# Florida advice needed



## Chromelander (Oct 1, 2011)

OK so I am flying down to Orlando in early April for a week and would like to do some fishing. I will need to go with a guide cause I'm not taking any gear with me on the plane. So I have bass fished on lake toho one time and would do it again but am looking for advice on fishing the ocean,gulf,flats,party boats or pier. I've never done any of it or even been to these places. 
Also I will most likely be fishing by myself and would like to keep it under $400. 
I will be going out of either cape Canaveral or st.petersburg but don't know what to do as far as a charter.


----------



## Timberdoodle2 (Jan 6, 2015)

larry lazone is a good guide from ft meyers area, sea trout and reds when i went with him, he fished the bass pro circuit so he knows how to fish and is a great guy to fish with.


----------



## Shoeman (Aug 26, 2000)

http://banana-river.lagooner.com/fishing/gamefish/redfish.php

Some of the best redfish and trout fishing I've experienced!


----------



## Northernfisher (Jul 29, 2010)

Chromelander said:


> OK so I am flying down to Orlando in early April for a week and would like to do some fishing. I will need to go with a guide cause I'm not taking any gear with me on the plane. So I have bass fished on lake toho one time and would do it again but am looking for advice on fishing the ocean,gulf,flats,party boats or pier. I've never done any of it or even been to these places.
> Also I will most likely be fishing by myself and would like to keep it under $400.
> I will be going out of either cape Canaveral or st.petersburg but don't know what to do as far as a charter.

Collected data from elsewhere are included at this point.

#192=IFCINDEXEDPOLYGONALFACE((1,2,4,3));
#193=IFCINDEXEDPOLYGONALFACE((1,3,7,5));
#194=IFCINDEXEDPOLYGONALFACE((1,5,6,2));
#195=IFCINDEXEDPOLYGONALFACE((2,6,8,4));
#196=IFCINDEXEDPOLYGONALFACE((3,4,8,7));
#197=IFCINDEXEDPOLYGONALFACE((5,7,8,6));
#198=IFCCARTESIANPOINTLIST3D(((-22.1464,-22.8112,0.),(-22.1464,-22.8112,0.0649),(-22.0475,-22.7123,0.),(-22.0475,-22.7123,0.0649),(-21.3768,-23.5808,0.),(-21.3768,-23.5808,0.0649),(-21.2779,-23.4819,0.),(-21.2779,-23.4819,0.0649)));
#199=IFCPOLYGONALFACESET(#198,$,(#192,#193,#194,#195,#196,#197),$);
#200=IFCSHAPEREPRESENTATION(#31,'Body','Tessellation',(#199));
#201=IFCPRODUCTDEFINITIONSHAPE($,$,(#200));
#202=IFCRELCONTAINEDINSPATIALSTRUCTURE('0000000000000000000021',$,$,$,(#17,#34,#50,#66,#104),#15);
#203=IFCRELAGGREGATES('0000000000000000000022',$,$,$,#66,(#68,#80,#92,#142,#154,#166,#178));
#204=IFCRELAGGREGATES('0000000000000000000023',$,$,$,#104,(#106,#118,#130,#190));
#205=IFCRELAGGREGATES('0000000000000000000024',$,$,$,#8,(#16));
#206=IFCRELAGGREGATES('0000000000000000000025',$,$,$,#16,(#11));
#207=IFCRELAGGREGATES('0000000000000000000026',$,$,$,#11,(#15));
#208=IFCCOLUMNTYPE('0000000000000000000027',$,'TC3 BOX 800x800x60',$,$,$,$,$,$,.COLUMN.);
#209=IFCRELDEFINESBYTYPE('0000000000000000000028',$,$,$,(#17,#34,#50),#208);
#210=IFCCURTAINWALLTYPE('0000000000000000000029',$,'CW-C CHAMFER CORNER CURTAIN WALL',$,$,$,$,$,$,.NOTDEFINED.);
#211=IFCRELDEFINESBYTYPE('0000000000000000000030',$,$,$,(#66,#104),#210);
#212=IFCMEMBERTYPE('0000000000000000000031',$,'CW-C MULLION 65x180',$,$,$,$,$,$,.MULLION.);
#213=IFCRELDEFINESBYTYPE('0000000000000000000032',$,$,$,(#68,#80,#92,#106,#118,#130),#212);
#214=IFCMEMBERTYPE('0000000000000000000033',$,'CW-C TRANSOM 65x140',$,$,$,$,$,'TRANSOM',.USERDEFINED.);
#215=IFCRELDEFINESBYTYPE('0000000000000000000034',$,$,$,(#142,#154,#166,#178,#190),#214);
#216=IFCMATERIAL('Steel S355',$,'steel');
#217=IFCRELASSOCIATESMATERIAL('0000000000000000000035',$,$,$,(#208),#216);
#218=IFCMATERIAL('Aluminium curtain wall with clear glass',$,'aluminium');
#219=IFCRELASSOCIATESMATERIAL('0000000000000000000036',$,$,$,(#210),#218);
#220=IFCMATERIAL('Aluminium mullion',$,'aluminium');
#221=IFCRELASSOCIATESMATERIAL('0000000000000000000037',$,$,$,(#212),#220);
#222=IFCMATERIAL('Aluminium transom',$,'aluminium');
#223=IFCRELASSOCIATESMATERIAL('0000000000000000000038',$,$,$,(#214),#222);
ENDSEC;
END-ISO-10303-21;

I fished mainly the west side St. Pete - north. I would tend to go east as it is closer. 

My suggestion is flats fishing, (personal opinion - just more fun). If you can adjust the timing of your trip at all you want big tides. That means you want a full or new moon. The 11th is the new moon. They will bite anytime but the bite is bigger on the big tides.

If you want a suggestion for the Tampa / St. Pete area send me a message. Shoeman's link looks good to me.


----------



## Chromelander (Oct 1, 2011)

Are the party boats worth considering? Or are they a waist of money?


----------



## breminnie (Aug 14, 2012)

Some fish to be caught. Depends on where you get a boat. Some places/boats are better than others.


----------



## Northernfisher (Jul 29, 2010)

Chromelander said:


> Are the party boats worth considering? Or are they a waist of money?

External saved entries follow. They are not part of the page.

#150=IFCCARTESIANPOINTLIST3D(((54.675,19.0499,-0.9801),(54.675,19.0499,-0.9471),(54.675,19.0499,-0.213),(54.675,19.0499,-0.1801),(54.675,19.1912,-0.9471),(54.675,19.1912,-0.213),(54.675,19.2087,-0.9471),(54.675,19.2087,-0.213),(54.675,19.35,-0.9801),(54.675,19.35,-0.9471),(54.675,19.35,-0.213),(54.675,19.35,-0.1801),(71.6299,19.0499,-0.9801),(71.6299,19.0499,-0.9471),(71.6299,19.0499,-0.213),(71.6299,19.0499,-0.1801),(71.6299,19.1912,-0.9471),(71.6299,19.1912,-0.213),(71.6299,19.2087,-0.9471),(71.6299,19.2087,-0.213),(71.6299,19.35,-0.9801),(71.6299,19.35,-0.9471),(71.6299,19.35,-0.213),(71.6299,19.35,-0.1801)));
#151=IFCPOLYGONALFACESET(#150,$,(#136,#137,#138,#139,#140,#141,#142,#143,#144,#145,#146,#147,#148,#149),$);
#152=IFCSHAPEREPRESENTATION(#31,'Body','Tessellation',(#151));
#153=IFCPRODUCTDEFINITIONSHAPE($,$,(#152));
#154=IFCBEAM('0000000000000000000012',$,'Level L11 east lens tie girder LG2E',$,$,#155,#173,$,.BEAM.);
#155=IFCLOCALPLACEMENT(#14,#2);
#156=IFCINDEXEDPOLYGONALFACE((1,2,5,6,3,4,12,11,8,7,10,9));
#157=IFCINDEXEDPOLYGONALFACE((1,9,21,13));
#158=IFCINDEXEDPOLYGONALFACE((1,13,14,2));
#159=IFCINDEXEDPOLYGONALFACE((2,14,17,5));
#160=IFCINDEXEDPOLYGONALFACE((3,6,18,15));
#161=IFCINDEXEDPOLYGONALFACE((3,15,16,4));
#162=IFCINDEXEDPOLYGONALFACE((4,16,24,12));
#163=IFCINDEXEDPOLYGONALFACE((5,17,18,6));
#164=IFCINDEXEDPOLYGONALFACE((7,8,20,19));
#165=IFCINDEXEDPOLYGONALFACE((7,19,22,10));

I have never fished one. My opinion is you can do better (have more fun) with a private charter. The party boats are normally drop line fishing. There is nothing wrong with that, I just enjoy flats fishing more. It is more like bass fishing in Michigan. Flats you can cast, soak bait, or fly fish. 

When we were wintering there I got so I mainly waded the flats. All you need is a pair of shoes and a fishing rod.

They do a lot of kayak fishing down there also. You can look for a kayak guide as well. They are normally less expensive.


----------



## breminnie (Aug 14, 2012)

Agree with northernfisher! The biggest advantage with the party boat is cost vs a private charter. Again depending where you are heading there is wade & shore fishing options. We keep a boat down there so I'm always fishing from a boat.


----------



## Timberdoodle2 (Jan 6, 2015)

another vote for guide over party boat,, some of the party boats have locals that seem to think they own the hot spots on the boat.. had that while in texas fishing for tuna,, but us country boys fooled them and they came to us for some fishat the end of the day wade fishing is great if you have a place to do it.. a good guide will make your day enjoyable even if the fish dont bite.


----------



## Radar420 (Oct 7, 2004)

I've been spending some time the last several winters in the St Pete Beach area and have done both private charters and party boats. I've always been with my dad who is handicap so we always do bottom fishing as casting would be difficult for him. With your budget, your best bet would be an inshore/flats trip, finding someone to do a split charter, or the party boat. If you go the party boat route, I'd recommend doing at least a 10-12hr trip. You'll get out to deeper water for a better variety and size of fish plus cut down on the number of less serious fishermen. I haven't been on this trip yet but have been giving it some thought - check it out to see if it interests you and fits in your schedule https://hubbardsmarina.com/12-hour-extreme-aboard-flying-hub-2/


----------



## kingfisher 11 (Jan 26, 2000)

I like that 12 hour trip. I may try that one when I am down there. I was looking at it before and seem to be my best option. I see they let you use two rods, I suspect the rod rental would be double then.


----------



## Chromelander (Oct 1, 2011)

OK so I see if you go on a party boat, on a some piers or with a guide you don't need a fishing license correct? Doesn't make sense to me. But if you fish in your own boat or along the shore you need one. Is it only the "pay to fish" that you don't need a license cause they are commercial?


----------



## Shoeman (Aug 26, 2000)

The boat carries your license. On your own you need one. Either a 3 or 7 day, or an annual.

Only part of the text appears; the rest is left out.